特集

Vol.129(2019年11月号)

[特集]世界を変える力、SDGs

“ 誰一人取り残さない”世界をめざして 日立建機のSDGsアクション

世界は、環境・社会・経済の面でさまざまな課題に直面している。
建設機械を通して大地と関わっている日立建機だからこそ、SDGs 達成に向け使命を果たさなければならない。

SDGsとは、国連が2015年に採択したSustainable Development Goals=持続可能な開発目標のことで、すべての国連加盟国が2030年までに達成する行動計画ともいえる。国際社会が解決すべき共通課題として、「貧困の解消」「気候変動への対応」「ジェンダー平等の実現」など計17の目標(ゴール)と、169にのぼる具体策(ターゲット)からなり、2030年までの達成をめざしている。

難しそうだし、自分には関係ないと思う人も少なくないだろう。でも、「現場や事務所でお弁当を残さず食べて食品ロスを減らす」「燃費性能がいい油圧ショベルを使う」などという、一人ひとりの心がけこそがSDGsにつながる。

基本理念として「地球上の誰一人として取り残さない」と掲げていることもポイントだ。その背景には、すべての人々が自由に、尊厳を持って、貧困と絶望から解き放たれて生きる権利を持つ「人間の安全保障」の考え方がある。あらゆる人々がこの考えを念頭に、人種や性別、宗教、文化の違い、あるいは先進国と途上国の壁を乗り越えて、協調していこうとする姿勢が大切だ。

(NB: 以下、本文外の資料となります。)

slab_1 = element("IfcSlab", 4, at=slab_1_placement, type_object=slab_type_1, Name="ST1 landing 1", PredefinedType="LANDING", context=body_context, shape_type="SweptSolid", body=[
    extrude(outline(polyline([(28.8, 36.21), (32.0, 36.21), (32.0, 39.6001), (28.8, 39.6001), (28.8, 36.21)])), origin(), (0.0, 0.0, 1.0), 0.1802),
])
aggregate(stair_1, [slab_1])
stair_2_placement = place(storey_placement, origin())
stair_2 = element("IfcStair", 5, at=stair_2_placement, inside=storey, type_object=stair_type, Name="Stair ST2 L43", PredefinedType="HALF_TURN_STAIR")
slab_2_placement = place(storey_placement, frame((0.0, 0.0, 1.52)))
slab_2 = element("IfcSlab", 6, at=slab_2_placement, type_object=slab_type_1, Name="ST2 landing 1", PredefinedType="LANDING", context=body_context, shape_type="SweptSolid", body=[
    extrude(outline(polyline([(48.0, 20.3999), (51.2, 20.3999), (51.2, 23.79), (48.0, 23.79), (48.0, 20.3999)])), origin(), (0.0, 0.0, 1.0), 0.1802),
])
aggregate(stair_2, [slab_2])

このSDGs、目標達成における「企業」の役割にも非常に期待が大きい。

例えば、電動化技術やIoT、AI(人工知能)やロボティクスなど最新テクノロジーの活用により、生産拠点や建設現場、物流段階での省エネ化・省人化が進めば、CO2排出削減に直結し、気候変動対策に貢献することになる。同様に農業の生産性向上につながるような技術革新を生み出せれば、貧困・飢餓の撲滅に大いに貢献するだろう。

社会課題の解決を通じて企業価値の増大をめざす

実は日立建機では、SDGsが世界的な潮流となる以前から、自社の製品・サービスを各国の社会インフラ整備や資源開発、地球温暖化の防止などに役立て、国際社会の持続的な発展に貢献していくことをめざしてきた。本業の副産物としての社会貢献ではなく、あくまで本業を通じて社会課題の解決に寄与し、中長期的な企業価値の増大に取り組んでいるのが大きな特徴だ。

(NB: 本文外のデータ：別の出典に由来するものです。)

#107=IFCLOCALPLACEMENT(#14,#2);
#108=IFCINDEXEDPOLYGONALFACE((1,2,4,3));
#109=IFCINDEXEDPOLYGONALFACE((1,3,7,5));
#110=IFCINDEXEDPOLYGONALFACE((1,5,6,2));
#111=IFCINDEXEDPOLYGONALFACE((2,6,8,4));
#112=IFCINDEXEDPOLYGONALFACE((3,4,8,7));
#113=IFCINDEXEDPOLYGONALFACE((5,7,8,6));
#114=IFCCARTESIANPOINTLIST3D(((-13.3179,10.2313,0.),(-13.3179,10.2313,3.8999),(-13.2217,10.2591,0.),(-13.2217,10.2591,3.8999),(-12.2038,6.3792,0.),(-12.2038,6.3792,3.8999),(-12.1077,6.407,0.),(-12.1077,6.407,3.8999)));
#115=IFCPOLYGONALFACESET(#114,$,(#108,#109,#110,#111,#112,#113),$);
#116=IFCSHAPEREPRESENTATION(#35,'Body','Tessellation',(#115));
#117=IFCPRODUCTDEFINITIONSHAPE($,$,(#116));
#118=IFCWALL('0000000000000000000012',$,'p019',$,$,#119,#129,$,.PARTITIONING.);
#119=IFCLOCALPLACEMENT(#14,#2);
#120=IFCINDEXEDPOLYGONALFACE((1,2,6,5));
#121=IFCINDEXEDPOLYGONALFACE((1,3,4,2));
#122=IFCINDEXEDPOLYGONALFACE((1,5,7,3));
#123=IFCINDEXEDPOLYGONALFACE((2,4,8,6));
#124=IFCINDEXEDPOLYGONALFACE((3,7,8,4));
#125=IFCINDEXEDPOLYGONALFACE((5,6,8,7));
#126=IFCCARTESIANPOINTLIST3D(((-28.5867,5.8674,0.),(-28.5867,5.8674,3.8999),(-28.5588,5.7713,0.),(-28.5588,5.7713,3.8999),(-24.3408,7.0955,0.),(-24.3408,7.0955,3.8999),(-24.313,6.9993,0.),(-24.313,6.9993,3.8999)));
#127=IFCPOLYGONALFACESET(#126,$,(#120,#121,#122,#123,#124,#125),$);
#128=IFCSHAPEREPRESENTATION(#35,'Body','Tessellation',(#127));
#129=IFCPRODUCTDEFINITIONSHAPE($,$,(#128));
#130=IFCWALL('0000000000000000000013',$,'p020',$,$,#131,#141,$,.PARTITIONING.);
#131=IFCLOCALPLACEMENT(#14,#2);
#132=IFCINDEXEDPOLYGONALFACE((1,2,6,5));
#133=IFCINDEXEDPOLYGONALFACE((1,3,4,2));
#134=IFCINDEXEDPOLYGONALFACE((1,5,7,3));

この姿勢をより明確化するため、2014年度から「自社の事業にとっての重要性」と「社会からの期待」という2つの観点で、自社の重要課題を特定する「マテリアリティ分析」を実行。その結果、日立建機の最重要課題として位置づけたのが、右図に示した3つのCSVテーマである。

さらに16年度からは、CSVテーマをベースに本格的にSDGsへの取り組みを開始している。日立建機の事業活動と17の目標との関連性を詳細に整理し、自社が特に注力すべき10の重点目標を設定した。いずれも3つのCSVテーマと明確に関連づけられており、事業活動を通じて、2030年の目標達成に向けてまい進していく考えだ。

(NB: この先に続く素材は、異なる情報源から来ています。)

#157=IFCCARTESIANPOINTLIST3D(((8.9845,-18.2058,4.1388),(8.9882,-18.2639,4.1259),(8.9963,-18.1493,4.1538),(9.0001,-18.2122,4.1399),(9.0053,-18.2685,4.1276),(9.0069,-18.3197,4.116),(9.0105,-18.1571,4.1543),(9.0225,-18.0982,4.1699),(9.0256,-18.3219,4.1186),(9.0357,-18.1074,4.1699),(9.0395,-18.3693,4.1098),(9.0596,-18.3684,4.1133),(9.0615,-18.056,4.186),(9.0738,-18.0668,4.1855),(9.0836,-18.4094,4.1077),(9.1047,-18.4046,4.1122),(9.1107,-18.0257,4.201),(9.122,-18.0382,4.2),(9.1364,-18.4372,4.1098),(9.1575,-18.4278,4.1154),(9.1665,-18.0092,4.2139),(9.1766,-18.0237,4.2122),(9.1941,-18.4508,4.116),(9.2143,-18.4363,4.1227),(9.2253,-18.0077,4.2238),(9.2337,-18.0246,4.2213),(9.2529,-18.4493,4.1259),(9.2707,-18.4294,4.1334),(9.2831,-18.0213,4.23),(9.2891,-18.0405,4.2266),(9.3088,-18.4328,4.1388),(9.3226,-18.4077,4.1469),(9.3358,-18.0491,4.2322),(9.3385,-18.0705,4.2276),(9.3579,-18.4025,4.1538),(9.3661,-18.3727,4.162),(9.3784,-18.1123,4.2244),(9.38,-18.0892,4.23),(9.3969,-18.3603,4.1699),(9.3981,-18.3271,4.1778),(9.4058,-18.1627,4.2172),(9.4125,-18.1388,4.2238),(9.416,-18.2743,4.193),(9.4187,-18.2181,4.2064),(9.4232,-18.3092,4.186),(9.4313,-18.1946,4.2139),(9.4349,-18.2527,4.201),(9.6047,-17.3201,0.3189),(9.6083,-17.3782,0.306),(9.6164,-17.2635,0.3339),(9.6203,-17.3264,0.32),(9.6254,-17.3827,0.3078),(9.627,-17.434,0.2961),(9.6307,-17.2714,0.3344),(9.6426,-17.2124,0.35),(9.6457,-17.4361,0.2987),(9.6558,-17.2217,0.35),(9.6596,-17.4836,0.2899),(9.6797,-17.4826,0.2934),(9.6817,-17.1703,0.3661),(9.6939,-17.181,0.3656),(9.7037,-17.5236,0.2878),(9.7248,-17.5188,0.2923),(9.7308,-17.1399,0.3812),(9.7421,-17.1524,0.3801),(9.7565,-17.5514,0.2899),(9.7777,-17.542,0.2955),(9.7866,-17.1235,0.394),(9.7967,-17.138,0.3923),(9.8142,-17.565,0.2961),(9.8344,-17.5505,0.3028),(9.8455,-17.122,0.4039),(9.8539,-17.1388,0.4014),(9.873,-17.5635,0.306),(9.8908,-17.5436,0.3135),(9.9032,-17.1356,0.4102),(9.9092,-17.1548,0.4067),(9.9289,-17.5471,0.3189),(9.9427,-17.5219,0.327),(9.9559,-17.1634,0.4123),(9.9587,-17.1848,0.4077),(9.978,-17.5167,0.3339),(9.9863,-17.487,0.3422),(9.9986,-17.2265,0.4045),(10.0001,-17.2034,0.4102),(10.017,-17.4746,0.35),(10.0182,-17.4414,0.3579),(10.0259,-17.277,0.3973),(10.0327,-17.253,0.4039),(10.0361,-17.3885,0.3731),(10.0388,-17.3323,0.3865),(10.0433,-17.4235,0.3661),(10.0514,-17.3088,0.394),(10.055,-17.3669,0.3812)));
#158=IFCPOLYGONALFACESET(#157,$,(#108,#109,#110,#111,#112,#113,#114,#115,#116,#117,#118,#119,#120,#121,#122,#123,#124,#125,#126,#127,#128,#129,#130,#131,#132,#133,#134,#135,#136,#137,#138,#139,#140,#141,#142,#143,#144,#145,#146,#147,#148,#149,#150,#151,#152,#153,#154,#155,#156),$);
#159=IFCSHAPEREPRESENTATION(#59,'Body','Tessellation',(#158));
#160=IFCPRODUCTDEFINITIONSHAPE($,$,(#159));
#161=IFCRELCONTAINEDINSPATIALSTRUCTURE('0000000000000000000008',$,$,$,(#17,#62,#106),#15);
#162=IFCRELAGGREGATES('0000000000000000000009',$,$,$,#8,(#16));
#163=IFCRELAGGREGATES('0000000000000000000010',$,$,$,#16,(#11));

CSV(Creating Shared Value):
「共通価値の創造」の意。戦略研究で知られるマイケル・ポーター氏が提唱した概念で、企業が社会・環境課題の解決を通じて「社会価値」と「事業価値」の両方を生み出していくことを指す。
Creating Shared Value Creating Shared Value

製造プロセスの環境負荷低減や、ICT・IoT技術の活用などで「グローバル環境課題の解決」をめざす。また建設機械の遠隔管理技術や無人化施工技術などの先端技術が「現場力の強化」を助け、部品再生事業で現地の雇用を創出するなど積極的に「コミュニティの発展」に貢献する。